Seit April hat die „Presse“ einen Schwerpunkt auf die Communitybetreuung im Internet gesetzt. Ein eigenes sechsköpfiges Team kümmert sich seither um Kommentare und jegliche Anfragen, die die Redaktion digital erreichen. In Zukunft wird sich das Communityteam auch aktiver in den Foren selbst einschalten, wenn Diskussionen dort zu entgleisen drohen.

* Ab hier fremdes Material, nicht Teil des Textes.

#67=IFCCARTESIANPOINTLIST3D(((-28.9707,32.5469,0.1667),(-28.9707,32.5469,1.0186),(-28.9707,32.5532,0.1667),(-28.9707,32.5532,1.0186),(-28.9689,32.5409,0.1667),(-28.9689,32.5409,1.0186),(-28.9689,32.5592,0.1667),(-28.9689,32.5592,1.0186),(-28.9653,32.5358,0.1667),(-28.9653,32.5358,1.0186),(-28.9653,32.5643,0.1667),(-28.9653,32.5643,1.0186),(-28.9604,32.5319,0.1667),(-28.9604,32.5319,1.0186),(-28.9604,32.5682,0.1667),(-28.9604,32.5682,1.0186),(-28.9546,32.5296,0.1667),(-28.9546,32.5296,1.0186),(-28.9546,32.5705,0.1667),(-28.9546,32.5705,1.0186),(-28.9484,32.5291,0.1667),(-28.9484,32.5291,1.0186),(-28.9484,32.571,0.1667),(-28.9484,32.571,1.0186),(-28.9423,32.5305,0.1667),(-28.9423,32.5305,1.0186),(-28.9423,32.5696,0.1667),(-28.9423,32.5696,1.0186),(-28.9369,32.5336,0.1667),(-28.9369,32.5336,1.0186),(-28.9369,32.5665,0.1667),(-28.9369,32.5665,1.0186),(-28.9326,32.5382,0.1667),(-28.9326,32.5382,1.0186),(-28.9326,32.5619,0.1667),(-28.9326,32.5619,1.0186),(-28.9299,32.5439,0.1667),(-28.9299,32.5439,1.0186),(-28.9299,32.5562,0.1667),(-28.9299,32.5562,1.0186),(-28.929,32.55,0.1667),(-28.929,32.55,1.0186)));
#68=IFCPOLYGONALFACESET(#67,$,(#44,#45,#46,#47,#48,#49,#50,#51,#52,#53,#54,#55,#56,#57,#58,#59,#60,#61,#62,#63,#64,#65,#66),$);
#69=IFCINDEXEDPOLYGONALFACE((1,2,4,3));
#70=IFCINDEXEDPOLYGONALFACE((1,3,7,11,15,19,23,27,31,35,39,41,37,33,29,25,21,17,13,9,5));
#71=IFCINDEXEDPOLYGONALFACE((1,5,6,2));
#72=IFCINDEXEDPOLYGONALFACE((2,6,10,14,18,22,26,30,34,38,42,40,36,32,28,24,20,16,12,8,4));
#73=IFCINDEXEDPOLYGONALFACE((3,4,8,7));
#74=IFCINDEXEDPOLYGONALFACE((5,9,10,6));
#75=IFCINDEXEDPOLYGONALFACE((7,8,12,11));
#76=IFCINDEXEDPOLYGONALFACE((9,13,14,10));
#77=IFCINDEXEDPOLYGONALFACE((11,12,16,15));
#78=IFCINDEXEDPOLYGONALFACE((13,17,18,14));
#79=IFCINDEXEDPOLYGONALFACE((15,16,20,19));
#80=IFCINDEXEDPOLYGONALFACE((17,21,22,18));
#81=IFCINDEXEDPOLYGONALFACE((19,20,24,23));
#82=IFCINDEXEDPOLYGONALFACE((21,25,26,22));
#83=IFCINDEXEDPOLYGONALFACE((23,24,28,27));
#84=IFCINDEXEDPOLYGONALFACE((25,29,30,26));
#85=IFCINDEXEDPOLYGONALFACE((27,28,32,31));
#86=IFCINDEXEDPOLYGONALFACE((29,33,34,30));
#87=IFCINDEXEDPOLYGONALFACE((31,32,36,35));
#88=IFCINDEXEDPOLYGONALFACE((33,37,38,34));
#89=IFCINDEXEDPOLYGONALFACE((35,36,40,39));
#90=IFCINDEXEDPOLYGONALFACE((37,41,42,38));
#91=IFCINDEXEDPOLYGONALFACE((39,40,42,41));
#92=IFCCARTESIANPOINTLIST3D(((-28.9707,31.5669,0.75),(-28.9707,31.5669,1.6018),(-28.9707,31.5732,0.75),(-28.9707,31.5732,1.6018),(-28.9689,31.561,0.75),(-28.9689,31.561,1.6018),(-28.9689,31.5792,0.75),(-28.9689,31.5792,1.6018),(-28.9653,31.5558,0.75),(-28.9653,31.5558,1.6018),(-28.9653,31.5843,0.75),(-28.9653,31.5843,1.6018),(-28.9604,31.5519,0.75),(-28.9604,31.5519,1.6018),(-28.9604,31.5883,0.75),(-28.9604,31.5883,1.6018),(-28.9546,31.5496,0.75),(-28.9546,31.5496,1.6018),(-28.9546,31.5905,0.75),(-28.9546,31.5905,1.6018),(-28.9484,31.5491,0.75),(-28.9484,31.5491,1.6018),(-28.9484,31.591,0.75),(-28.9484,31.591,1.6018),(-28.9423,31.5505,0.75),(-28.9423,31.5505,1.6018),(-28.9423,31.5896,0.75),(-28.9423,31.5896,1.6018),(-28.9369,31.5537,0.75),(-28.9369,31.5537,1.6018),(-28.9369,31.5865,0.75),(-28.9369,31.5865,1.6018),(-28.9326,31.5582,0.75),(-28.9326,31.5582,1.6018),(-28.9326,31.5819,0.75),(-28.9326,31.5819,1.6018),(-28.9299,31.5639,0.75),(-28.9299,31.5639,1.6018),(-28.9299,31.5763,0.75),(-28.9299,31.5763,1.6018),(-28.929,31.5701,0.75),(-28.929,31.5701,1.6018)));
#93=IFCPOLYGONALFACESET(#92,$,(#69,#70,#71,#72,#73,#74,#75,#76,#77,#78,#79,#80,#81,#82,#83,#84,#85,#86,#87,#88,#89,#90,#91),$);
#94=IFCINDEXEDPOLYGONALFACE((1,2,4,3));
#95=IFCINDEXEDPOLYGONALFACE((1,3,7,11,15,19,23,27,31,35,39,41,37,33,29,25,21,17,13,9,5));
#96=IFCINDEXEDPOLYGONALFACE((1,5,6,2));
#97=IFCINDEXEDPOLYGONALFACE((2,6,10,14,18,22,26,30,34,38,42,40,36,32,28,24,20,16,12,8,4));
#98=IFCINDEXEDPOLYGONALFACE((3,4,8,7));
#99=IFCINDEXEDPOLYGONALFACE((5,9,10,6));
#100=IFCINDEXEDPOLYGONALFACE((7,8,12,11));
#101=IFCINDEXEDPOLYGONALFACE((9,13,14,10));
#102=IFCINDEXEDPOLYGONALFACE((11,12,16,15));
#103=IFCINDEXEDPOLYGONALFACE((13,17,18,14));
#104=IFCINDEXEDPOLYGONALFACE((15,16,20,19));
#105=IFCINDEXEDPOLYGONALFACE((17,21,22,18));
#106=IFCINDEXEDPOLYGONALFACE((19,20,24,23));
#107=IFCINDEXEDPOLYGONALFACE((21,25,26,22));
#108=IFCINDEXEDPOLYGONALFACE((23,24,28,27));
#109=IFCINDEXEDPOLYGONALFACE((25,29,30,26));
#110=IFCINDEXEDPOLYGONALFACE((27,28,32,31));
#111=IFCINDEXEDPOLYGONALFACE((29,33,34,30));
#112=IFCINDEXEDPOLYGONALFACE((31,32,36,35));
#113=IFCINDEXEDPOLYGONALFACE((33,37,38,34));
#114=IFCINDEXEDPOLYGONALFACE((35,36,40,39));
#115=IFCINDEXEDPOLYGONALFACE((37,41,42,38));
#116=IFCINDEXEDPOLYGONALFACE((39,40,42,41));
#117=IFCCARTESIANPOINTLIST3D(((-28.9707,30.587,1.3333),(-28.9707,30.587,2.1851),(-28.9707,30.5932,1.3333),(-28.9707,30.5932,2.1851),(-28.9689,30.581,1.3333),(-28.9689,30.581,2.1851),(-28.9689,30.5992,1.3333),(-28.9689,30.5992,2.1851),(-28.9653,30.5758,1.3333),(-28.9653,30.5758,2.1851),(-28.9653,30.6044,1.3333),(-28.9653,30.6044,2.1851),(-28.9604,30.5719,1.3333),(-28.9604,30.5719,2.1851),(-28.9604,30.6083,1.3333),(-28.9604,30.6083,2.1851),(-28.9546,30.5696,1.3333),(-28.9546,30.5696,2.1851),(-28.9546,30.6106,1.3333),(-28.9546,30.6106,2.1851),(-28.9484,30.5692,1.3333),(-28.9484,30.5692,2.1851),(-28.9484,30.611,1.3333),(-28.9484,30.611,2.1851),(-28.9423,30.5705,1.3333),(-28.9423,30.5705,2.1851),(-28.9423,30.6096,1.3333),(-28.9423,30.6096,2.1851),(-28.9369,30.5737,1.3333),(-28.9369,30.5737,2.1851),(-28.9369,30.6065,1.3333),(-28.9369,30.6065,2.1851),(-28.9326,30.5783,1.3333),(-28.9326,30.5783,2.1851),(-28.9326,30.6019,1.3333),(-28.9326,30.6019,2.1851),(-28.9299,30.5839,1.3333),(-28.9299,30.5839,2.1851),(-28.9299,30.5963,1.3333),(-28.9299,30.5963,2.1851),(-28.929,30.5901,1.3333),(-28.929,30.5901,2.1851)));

Damit zeigt man, dass man das Klima der Aggression nicht einfach hinnimmt. Das sei der erste Schritt, um aktiv etwas zu ändern, schreibt auch „Profil“-Autorin Ingrid Brodnig in ihrem Buch „Hass im Netz“. Sie rät, das Problem nicht nur ernst zu nehmen, sondern unfaire Diskussionsstile von Internetnutzern ganz konkret anzusprechen. Als Gastgeber auf Facebook- und Webseiten könne man zudem Grundregeln der Gesprächskultur vorgeben. Wer sich konstant nicht daran hält, wird ausgeladen oder geblockt. Man würde einen Unbekannten schließlich auch nicht in den eigenen vier Wänden schimpfen und brüllen lassen.

Meldestelle

Frauenministerin Sabine Oberhauser (SPÖ) hat diese Woche angekündigt, dass sie sich eine Meldestelle gegen Frauenhass im Netz und die Einführung entsprechender Regeln im Strafgesetz vorstellen könne.

Buch: Die „Profil“-Journalistin Ingrid Brodnig zeigt in ihrem Buch „Hass im Netz“ (Brandstätter) auf, was man gegen Hetze, Mobbing und Lügen im Internet tun kann.